I held onto this dream of “home” tenaciously, always with regrets that this or that particular place could never be what I imagined it could be.
However, I often think about one idyllic, small college town in North Carolina where I lived for only seven months, and where I imagined I had found something akin to the home of my dreams. Sadly, it was not to be. I thought at the time it might possibly be a dream come true, whereas now I realize I was living a fantasy life as a small-town newspaper editor with an office on a very picturesque and timeless little Main Street. It was all a short-lived dream, with good and bad experiences, as would be the case in any other place. But it served its purpose, and I learned more fully what my journalistic capabilities were.
After years of restless roaming and searching, I finally found my “home” and “home place” here in Charleston. And also the librarian job and career I was always meant to have.
I now have the luxury of indulging in my memories of New Orleans because in many ways Charleston reminds me so much of that city.

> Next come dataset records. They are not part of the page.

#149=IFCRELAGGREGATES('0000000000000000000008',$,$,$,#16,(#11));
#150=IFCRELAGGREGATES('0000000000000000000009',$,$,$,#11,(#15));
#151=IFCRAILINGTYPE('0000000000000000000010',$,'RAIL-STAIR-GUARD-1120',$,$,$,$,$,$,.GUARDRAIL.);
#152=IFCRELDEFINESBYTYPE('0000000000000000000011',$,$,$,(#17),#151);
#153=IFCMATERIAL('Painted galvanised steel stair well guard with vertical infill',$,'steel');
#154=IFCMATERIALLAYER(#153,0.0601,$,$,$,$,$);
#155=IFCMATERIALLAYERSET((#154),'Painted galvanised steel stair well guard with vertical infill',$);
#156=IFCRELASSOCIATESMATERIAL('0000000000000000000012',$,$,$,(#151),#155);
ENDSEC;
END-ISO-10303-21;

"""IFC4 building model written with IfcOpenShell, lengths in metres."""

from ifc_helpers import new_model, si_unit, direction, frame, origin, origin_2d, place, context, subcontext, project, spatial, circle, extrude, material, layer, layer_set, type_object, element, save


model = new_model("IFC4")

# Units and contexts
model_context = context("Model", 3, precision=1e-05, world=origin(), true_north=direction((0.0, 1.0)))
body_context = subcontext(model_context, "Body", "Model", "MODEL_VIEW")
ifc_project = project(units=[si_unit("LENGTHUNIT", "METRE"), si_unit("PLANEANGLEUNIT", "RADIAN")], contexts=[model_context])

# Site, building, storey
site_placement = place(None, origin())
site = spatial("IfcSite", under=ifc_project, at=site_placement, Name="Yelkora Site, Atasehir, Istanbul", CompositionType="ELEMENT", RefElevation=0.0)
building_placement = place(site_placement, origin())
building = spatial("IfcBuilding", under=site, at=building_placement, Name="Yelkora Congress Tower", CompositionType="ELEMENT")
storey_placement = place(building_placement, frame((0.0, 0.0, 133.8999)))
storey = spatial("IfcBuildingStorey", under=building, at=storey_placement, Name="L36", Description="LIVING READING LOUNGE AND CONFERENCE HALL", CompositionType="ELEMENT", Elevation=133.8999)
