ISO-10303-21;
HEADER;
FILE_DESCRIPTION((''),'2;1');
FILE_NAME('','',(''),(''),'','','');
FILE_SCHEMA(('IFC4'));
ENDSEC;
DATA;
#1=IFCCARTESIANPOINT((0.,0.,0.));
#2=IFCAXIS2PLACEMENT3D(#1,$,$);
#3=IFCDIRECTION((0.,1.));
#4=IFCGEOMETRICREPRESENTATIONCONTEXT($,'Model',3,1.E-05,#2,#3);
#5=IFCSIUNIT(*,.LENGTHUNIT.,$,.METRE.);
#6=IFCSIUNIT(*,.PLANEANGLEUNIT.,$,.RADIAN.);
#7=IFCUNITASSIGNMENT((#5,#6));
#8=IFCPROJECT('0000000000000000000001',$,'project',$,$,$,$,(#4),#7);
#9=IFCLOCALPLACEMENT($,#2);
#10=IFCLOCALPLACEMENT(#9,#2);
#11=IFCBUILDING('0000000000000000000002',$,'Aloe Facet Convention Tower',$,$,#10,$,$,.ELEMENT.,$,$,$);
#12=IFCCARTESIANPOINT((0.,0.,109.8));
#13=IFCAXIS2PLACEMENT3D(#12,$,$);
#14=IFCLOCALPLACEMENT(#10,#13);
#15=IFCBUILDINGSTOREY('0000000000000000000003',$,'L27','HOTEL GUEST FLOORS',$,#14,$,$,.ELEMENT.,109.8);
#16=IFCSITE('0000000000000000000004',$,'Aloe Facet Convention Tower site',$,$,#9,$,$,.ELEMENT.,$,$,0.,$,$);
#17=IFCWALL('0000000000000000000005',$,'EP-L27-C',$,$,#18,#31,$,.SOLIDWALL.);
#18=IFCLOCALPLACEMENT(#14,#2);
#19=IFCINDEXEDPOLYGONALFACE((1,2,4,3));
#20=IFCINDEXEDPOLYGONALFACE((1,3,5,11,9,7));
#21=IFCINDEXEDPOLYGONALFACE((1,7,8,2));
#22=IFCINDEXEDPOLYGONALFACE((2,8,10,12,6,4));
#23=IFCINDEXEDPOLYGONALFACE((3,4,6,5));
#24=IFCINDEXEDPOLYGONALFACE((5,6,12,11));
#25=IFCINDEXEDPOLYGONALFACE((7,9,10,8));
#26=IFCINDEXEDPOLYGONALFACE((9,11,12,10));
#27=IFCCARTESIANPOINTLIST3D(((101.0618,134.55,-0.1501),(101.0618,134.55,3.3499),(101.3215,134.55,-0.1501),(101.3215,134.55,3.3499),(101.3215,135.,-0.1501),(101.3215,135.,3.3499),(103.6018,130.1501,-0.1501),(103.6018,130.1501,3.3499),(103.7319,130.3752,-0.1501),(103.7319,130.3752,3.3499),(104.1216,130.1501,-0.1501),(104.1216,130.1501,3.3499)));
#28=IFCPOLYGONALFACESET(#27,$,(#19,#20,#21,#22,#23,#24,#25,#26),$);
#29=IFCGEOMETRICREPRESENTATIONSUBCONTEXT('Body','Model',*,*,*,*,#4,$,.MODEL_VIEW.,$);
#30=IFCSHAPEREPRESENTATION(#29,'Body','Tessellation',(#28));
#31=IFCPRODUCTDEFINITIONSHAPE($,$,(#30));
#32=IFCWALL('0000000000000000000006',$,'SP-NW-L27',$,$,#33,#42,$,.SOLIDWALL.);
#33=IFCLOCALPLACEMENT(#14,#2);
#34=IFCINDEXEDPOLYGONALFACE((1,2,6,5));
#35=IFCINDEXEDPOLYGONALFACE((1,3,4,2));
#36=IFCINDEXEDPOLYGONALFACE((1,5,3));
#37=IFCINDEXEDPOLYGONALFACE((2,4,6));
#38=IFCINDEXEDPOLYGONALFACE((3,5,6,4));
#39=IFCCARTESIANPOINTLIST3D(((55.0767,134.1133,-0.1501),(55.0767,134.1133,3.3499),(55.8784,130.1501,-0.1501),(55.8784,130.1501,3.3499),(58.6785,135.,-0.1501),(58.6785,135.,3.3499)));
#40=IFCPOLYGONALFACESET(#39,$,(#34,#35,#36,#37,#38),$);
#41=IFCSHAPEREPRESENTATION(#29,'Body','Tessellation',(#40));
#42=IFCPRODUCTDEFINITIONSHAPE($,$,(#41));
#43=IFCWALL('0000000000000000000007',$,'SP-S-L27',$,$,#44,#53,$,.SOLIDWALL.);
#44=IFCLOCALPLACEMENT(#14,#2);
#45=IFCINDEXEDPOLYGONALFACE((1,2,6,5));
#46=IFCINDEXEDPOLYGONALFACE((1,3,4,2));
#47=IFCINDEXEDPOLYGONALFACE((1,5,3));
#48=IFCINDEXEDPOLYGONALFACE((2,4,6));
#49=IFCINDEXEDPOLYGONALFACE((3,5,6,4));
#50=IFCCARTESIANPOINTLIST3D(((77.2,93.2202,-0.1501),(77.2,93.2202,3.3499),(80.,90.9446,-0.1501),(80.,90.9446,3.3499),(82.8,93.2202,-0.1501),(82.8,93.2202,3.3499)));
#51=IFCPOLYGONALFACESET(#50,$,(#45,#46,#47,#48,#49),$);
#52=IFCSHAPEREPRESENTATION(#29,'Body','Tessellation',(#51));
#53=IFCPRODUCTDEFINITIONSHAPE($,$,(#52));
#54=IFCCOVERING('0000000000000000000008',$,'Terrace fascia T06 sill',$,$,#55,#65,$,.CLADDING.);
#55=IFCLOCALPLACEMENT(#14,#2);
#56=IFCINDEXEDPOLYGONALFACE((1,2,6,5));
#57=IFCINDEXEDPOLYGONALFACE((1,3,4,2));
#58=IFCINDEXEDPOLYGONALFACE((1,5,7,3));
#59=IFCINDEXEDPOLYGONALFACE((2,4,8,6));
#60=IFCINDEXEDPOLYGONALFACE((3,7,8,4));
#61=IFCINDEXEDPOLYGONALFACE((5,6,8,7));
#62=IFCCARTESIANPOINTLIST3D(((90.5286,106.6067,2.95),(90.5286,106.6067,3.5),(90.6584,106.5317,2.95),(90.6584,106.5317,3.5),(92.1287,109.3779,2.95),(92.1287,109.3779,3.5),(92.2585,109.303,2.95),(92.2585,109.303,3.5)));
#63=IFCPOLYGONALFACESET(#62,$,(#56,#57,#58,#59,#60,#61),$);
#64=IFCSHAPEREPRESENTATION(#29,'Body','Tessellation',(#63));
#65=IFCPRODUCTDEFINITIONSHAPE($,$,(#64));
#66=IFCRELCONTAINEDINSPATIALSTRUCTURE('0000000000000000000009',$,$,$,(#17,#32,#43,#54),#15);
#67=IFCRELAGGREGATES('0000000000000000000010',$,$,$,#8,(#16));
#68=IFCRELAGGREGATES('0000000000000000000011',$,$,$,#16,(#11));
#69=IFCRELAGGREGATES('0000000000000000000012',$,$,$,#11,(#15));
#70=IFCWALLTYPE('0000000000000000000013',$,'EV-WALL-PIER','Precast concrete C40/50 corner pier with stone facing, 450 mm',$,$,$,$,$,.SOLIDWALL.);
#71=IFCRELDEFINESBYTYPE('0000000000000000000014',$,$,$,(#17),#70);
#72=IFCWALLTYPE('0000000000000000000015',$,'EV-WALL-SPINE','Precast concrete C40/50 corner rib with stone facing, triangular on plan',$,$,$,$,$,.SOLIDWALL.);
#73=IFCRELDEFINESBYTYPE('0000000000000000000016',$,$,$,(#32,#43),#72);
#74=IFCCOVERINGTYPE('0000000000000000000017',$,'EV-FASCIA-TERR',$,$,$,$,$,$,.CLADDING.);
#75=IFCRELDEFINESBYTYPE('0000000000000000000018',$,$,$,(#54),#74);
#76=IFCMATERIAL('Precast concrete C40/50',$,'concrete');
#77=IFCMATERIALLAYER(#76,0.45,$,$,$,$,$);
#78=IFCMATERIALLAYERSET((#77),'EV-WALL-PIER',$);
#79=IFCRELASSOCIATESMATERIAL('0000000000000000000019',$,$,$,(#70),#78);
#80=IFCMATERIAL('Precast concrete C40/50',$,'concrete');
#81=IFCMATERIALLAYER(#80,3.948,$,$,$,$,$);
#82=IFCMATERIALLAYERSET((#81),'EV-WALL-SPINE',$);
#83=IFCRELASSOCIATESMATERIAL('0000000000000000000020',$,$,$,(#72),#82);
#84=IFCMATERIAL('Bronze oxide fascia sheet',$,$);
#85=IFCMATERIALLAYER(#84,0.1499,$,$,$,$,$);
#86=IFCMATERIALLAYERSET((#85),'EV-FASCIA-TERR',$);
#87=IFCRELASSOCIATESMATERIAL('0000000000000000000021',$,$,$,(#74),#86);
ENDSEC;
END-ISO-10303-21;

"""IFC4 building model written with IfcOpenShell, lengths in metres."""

from ifc_helpers import new_model, si_unit, direction, frame, origin, place, context, subcontext, project, spatial, polyline, outline, extrude, material, layer, layer_set, type_object, element, save


model = new_model("IFC4")

# Units and contexts
model_context = context("Model", 3, precision=1e-05, world=origin(), true_north=direction((0.0, 1.0)))
body_context = subcontext(model_context, "Body", "Model", "MODEL_VIEW")
ifc_project = project(units=[si_unit("LENGTHUNIT", "METRE"), si_unit("PLANEANGLEUNIT", "RADIAN")], contexts=[model_context])

# Site, building, storey
site_placement = place(None, origin())
site = spatial("IfcSite", under=ifc_project, at=site_placement, Name="Aloe Facet Convention Tower site", CompositionType="ELEMENT", RefElevation=0.0)
building_placement = place(site_placement, origin())
building = spatial("IfcBuilding", under=site, at=building_placement, Name="Aloe Facet Convention Tower", CompositionType="ELEMENT")
storey_placement = place(building_placement, frame((0.0, 0.0, 109.8)))
storey = spatial("IfcBuildingStorey", under=building, at=storey_placement, Name="L27", Description="HOTEL GUEST FLOORS", CompositionType="ELEMENT", Elevation=109.8)

# Walls
ifc_material_1 = material(Name="Precast concrete C40/50", Category="concrete")
ifc_layer_1 = layer(ifc_material_1, 0.45)
ifc_layer_set_1 = layer_set([ifc_layer_1], Name="EV-WALL-PIER")
wall_type_1 = type_object("IfcWallType", Name="EV-WALL-PIER", Description="Precast concrete C40/50 corner pier with stone facing, 450 mm", PredefinedType="SOLIDWALL", material=ifc_layer_set_1)
wall_1_placement = place(storey_placement, frame((0.0, 0.0, -0.1501)))
element("IfcWall", 1, at=wall_1_placement, inside=storey, type_object=wall_type_1, Name="EP-L27-C", PredefinedType="SOLIDWALL", context=body_context, shape_type="SweptSolid", body=[
    extrude(outline(polyline([(104.1216, 130.1501), (103.7319, 130.3752), (103.6018, 130.1501), (101.0618, 134.55), (101.3215, 134.55), (101.3215, 135.0), (104.1216, 130.1501)])), origin(), (0.0, 0.0, 1.0), 3.5),
])
ifc_material_2 = material(Name="Precast concrete C40/50", Category="concrete")
ifc_layer_2 = layer(ifc_material_2, 3.948)
ifc_layer_set_2 = layer_set([ifc_layer_2], Name="EV-WALL-SPINE")
wall_type_2 = type_object("IfcWallType", Name="EV-WALL-SPINE", Description="Precast concrete C40/50 corner rib with stone facing, triangular on plan", PredefinedType="SOLIDWALL", material=ifc_layer_set_2)
wall_2_placement = place(storey_placement, frame((0.0, 0.0, -0.1501)))
element("IfcWall", 2, at=wall_2_placement, inside=storey, type_object=wall_type_2, Name="SP-NW-L27", PredefinedType="SOLIDWALL", context=body_context, shape_type="SweptSolid", body=[
    extrude(outline(polyline([(58.6785, 135.0), (55.0767, 134.1133), (55.8784, 130.1501), (58.6785, 135.0)])), origin(), (0.0, 0.0, 1.0), 3.5),
])
wall_3_placement = place(storey_placement, frame((0.0, 0.0, -0.1501)))
element("IfcWall", 3, at=wall_3_placement, inside=storey, type_object=wall_type_2, Name="SP-S-L27", PredefinedType="SOLIDWALL", context=body_context, shape_type="SweptSolid", body=[
    extrude(outline(polyline([(77.2, 93.2202), (80.0, 90.9446), (82.8, 93.2202), (77.2, 93.2202)])), origin(), (0.0, 0.0, 1.0), 3.5),
])

# Covering
ifc_material_3 = material(Name="Bronze oxide fascia sheet")
ifc_layer_3 = layer(ifc_material_3, 0.1499)
ifc_layer_set_3 = layer_set([ifc_layer_3], Name="EV-FASCIA-TERR")
covering_type = type_object("IfcCoveringType", Name="EV-FASCIA-TERR", PredefinedType="CLADDING", material=ifc_layer_set_3)
covering_placement = place(storey_placement, frame((0.0, 0.0, 2.95)))
element("IfcCovering", 4, at=covering_placement, inside=storey, type_object=covering_type, Name="Terrace fascia T06 sill", PredefinedType="CLADDING", context=body_context, shape_type="SweptSolid", body=[
    extrude(outline(polyline([(90.6584, 106.5317), (92.2585, 109.303), (92.1287, 109.3779), (90.5286, 106.6067), (90.6584, 106.5317)])), origin(), (0.0, 0.0, 1.0), 0.55),
])

save(model, "model.ifc")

My paternal ancestors are from Charleston, and lived in the same neighborhood in the historic district where our family home is/was, sold five years ago after my mother died. Life has a way of mysteriously completing circles.
I have never been homesick for New Orleans. I have no one there to visit now, no family or friends in that place. But that doesn’t mean I don’t, near the end of life, often feel the inexorably pull of the beautiful, baffling and mysterious city where I grew up. I have my memories. That is enough.